El cuerpo del Otro como límite a la libertad
Por eso, ante tanta intimidad compartida, resulta sospechoso verificar el aire de formal indiferencia que solemos adoptar con quien sufre, anhela y lucha, apenas separado por los pocos centímetros que reúne una pared o el tenue espacio que media en un cielo raso. Es que, entre otras cuestiones, la relación con el vecino se asemeja en varios aspectos a la que mantenemos con nuestros vínculos más primarios, ésos en que se solazan los arrebatos más intensos e irracionales. Por empezar, salta a la vista la obvia y avasallante cercanía corporal, tanto más efectiva cuanto más pequeños e indefensos nos halla la infancia. Razón que, por otra parte, explica los inusitados odios y amores que se ventilan al compás de los conflictos domésticos. La vecindad convoca los más arcaicos fantasmas anclados en el cuerpo del semejante. Cuestión que, en virtud de la fobia generalizada que distingue a nuestra época, explica la masividad alcanzada por las herramientas del ciberespacio.
Es que la vecindad digital excluye al cuerpo. Al respecto, Zigmunt Bauman observa: “El mundo offline --el vecindario 'real'-- en unos pocos aspectos es lo contrario al mundo online de la red. Los dos pueden estar saturados de incertidumbre, pero la falta de certeza en la variante online es manejable y razonablemente controlable, mientras que la de tipo offline es inmanejable y está fuera de control; por esas razones, el primero es fuente de acciones gratificantes, placenteramente operativo y se percibe como enriquecedor, mientras que el segundo es desalentador, desconcertante y se lo percibe como factor de invalidez”. En otros términos: tan cierto como que mi salud depende del Otro, el cuerpo cercano y presente del semejante condiciona mi libertad.
A modo de conclusión
Colegimos entonces que la relación con el vecino se encuentra ignorada, poco tolerada o se ha tornado francamente amenazante porque, en definitiva, es la que más se asemeja a la relación con uno mismo, nada menos, límite inexorable de nuestro capricho libertario: nuestros propios síntomas y fantasmas. Desde esta perspectiva, en la relación con el vecino se articulan la intimidad con lo público, la privacidad con lo comunitario, el cuerpo con la política, lo mismo con la diferencia. No en vano, Sigmund Freud afirmaba que “en la vida anímica del individuo, el otro cuenta, con total regularidad, como modelo, como objeto, como auxiliar y como enemigo, y por eso desde el comienzo mismo la psicología individual es simultáneamente psicología social en este sentido más lato, pero enteramente legítimo”. Y lo divertido es que, al comentar esta alteridad que, sin embargo, nos constituye, Lacan acude nada menos que a un poema provenzal cuyo título lleva por nombre “Bon Vezi” (Buen vecino).

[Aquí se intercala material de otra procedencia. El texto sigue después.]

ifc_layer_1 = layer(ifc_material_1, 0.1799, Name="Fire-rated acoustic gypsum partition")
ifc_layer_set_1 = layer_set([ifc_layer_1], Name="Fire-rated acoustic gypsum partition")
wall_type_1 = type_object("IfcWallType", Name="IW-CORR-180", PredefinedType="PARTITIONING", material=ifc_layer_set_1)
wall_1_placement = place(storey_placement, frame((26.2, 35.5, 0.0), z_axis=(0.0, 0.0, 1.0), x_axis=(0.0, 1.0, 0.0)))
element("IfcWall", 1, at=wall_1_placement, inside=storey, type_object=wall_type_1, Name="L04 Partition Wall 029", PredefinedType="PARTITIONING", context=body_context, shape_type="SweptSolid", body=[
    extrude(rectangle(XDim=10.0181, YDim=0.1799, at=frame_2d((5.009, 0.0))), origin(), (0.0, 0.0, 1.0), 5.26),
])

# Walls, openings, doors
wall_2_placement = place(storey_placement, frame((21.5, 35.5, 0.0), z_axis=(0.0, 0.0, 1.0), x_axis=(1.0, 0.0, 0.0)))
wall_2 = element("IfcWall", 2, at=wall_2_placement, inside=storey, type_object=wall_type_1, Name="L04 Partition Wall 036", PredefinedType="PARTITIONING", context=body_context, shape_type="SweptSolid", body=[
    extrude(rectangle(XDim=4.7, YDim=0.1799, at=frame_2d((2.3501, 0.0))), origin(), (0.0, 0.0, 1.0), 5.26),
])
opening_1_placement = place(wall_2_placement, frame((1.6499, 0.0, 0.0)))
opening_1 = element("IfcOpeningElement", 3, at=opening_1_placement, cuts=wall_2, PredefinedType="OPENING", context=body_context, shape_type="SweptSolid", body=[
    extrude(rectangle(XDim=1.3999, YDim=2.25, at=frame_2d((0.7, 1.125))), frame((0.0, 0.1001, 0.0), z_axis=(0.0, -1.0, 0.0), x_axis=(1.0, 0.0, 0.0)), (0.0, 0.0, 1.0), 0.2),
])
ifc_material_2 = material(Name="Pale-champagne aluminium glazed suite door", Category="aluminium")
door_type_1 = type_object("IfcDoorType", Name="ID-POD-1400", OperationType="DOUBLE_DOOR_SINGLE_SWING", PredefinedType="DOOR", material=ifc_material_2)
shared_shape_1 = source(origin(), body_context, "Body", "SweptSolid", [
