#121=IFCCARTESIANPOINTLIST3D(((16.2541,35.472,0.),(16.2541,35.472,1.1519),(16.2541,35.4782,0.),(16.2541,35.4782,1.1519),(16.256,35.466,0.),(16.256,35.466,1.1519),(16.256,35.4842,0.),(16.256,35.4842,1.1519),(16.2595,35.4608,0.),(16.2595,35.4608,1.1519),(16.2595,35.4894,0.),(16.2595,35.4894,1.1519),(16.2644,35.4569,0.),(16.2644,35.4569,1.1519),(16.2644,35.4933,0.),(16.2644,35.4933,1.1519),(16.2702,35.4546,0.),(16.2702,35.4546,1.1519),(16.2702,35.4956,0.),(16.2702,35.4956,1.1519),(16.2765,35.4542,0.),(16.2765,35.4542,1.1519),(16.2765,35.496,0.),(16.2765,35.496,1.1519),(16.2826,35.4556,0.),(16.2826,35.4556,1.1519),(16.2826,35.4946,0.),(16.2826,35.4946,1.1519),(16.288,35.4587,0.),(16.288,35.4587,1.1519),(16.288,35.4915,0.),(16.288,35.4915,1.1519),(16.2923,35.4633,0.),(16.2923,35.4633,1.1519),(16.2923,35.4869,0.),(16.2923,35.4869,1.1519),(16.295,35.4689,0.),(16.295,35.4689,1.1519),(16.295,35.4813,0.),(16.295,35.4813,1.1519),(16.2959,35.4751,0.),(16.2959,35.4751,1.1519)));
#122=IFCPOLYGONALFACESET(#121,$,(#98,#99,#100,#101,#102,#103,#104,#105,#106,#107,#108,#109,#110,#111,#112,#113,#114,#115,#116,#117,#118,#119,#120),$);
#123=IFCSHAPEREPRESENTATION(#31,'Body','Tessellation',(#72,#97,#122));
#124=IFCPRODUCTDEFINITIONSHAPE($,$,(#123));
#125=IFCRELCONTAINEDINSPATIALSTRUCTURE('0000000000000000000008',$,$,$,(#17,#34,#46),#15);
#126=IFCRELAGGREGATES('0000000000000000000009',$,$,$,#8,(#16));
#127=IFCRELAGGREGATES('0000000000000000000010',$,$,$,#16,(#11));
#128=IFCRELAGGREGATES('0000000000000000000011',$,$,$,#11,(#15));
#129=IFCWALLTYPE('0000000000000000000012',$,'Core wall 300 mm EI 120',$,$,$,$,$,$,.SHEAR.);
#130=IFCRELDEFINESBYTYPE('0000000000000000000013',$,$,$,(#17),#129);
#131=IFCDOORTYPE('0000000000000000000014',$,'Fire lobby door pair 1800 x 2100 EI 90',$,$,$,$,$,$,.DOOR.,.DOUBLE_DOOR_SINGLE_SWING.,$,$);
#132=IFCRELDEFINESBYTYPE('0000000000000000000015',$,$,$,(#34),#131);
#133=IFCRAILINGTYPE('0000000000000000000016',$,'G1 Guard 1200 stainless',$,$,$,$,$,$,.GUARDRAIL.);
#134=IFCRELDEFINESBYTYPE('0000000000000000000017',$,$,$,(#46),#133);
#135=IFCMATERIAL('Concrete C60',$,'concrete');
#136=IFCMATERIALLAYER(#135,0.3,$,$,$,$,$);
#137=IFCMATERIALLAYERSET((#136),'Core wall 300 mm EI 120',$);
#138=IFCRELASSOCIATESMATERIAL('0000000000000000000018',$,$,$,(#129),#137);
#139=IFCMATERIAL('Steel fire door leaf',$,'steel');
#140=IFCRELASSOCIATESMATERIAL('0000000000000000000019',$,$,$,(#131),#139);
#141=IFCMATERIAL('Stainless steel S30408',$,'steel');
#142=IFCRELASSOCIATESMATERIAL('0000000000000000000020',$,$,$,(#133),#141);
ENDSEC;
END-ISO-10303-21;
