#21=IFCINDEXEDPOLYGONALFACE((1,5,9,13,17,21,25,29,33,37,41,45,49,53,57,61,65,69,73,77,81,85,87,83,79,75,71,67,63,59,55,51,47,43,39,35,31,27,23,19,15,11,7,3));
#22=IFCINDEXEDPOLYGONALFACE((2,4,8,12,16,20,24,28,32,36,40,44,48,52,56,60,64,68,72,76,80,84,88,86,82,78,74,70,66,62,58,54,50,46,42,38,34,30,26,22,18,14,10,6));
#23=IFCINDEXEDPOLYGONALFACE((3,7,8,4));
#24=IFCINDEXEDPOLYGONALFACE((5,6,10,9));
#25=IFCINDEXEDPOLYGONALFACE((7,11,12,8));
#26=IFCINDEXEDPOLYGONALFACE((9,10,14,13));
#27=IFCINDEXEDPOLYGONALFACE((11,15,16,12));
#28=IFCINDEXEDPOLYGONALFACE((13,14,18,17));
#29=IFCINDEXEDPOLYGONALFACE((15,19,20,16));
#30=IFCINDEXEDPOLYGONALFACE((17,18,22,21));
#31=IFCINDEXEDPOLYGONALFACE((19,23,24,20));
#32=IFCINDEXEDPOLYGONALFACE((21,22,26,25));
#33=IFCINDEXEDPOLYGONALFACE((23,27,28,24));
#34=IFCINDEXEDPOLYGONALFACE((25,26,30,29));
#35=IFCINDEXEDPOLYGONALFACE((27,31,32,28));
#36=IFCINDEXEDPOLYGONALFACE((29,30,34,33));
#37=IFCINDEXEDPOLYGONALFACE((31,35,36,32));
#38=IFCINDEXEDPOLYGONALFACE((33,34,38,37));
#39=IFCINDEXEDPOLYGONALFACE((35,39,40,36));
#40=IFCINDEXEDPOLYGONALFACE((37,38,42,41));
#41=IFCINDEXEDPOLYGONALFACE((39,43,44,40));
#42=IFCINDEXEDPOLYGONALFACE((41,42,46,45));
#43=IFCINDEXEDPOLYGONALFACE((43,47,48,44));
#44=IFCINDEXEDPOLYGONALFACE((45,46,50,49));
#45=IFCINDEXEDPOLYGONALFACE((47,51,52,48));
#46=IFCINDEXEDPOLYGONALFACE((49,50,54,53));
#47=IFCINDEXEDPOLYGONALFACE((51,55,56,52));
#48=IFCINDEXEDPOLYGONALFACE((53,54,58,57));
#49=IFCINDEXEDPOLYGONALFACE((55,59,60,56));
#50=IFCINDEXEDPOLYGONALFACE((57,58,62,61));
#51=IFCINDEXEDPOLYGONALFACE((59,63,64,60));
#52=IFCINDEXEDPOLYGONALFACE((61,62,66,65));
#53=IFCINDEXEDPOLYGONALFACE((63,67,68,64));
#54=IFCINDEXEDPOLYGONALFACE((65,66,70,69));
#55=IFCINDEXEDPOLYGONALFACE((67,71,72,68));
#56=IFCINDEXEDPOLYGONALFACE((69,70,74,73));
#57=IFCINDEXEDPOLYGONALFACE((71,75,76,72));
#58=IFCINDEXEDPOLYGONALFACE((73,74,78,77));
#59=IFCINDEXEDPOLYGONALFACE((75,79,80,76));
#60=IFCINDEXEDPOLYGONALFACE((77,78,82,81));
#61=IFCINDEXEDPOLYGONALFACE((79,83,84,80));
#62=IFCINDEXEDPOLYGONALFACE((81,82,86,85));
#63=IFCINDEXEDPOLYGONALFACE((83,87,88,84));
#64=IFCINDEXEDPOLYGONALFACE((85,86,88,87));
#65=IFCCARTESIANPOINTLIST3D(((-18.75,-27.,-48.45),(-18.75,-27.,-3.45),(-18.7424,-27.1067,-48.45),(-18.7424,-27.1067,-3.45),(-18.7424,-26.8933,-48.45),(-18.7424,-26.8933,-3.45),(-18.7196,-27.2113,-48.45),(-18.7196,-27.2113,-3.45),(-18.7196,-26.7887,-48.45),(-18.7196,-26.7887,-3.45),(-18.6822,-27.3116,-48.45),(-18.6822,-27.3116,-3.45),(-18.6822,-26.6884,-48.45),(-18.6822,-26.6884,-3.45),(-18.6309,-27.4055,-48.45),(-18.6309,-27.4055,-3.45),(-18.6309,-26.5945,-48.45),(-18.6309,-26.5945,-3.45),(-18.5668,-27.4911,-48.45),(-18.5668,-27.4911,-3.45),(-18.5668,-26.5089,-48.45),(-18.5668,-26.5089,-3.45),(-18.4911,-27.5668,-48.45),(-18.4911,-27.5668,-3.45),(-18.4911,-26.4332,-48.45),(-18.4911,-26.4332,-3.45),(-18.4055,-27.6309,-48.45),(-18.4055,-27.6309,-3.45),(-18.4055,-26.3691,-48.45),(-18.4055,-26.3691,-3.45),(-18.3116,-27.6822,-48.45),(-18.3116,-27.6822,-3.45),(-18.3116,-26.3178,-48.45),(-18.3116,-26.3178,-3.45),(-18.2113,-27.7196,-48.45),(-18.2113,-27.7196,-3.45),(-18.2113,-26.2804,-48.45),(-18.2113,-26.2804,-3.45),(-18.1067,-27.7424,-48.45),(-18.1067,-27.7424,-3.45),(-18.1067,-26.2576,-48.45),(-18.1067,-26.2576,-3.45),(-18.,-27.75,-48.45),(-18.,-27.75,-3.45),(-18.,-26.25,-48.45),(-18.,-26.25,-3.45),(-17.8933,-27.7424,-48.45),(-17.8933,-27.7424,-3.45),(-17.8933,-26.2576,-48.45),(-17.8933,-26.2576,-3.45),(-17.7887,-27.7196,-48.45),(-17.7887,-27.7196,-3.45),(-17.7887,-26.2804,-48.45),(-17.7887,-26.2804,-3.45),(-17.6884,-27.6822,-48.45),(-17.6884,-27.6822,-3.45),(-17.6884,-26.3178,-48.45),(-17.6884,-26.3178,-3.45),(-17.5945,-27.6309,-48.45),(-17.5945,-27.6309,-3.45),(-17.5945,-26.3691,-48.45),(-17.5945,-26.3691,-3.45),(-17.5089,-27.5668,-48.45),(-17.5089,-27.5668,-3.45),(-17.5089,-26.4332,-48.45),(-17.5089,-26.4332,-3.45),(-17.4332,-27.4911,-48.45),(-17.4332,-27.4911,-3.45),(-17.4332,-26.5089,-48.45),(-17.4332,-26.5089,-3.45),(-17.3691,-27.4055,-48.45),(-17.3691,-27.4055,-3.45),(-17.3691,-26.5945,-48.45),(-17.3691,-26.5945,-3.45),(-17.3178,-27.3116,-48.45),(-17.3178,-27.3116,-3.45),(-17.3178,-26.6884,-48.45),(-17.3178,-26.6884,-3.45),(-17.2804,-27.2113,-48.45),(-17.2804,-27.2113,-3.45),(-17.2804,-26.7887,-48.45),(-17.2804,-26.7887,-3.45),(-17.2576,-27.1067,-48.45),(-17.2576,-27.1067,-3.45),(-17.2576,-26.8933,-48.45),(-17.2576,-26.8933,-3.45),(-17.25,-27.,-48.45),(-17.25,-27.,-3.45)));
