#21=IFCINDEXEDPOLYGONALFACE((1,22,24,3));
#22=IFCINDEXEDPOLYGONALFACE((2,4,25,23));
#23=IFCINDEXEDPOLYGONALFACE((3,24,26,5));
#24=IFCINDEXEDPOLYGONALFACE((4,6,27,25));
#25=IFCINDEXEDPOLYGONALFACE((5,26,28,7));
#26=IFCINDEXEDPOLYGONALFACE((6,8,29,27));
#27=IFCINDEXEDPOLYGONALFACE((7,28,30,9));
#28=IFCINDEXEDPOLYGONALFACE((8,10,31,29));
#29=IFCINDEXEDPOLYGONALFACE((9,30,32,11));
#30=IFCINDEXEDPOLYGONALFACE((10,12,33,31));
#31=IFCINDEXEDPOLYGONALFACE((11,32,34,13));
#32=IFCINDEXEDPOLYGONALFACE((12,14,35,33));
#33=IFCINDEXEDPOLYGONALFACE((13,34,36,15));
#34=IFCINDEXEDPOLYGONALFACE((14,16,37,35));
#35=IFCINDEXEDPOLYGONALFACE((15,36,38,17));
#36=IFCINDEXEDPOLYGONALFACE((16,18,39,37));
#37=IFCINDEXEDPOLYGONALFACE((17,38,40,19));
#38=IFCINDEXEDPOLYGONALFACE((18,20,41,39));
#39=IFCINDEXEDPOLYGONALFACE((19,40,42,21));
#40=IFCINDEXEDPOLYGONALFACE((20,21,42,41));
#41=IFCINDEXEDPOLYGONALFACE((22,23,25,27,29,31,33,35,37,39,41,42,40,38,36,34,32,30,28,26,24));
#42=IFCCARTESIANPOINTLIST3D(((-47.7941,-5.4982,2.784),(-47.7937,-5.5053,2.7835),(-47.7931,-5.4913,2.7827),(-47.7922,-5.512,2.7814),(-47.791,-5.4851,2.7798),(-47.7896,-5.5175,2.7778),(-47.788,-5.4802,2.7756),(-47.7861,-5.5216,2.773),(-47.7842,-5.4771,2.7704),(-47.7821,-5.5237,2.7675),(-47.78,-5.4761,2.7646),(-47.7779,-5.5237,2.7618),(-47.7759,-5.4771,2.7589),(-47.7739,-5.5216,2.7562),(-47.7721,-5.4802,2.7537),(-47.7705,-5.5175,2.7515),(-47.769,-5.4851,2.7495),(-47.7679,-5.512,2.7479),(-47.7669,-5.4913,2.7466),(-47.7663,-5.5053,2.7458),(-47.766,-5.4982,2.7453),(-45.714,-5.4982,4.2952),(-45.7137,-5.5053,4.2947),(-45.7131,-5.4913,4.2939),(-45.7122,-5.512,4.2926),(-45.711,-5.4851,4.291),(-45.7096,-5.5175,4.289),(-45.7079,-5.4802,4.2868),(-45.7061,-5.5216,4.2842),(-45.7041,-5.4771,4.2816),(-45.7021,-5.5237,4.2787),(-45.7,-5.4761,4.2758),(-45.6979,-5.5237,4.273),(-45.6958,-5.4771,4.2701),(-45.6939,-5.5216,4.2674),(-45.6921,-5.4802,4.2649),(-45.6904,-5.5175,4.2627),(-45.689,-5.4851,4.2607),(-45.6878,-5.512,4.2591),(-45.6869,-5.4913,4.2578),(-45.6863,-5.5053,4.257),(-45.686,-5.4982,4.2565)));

En la vereda opuesta a la barbarie neoliberal se insinúa una forma bien distinta de entender la relación con el vecino. En efecto, a partir de aceptar la diferencia que el otro supone por su sola presencia, el conflicto se asume como motor de la convivencia. He aquí cuando, por fin, la solidaridad y la cooperación se hacen presentes para reclamar a las autoridades y luchar contra los afanes corporativos que amenazan despojar a la ciudad de sus espacios verdes y el acceso al río, ambientes --valga la paradoja-- de auténtica libertad.
Sergio Zabalza es psicoanalista. Doctor en Psicología por la Universidad de Buenos Aires.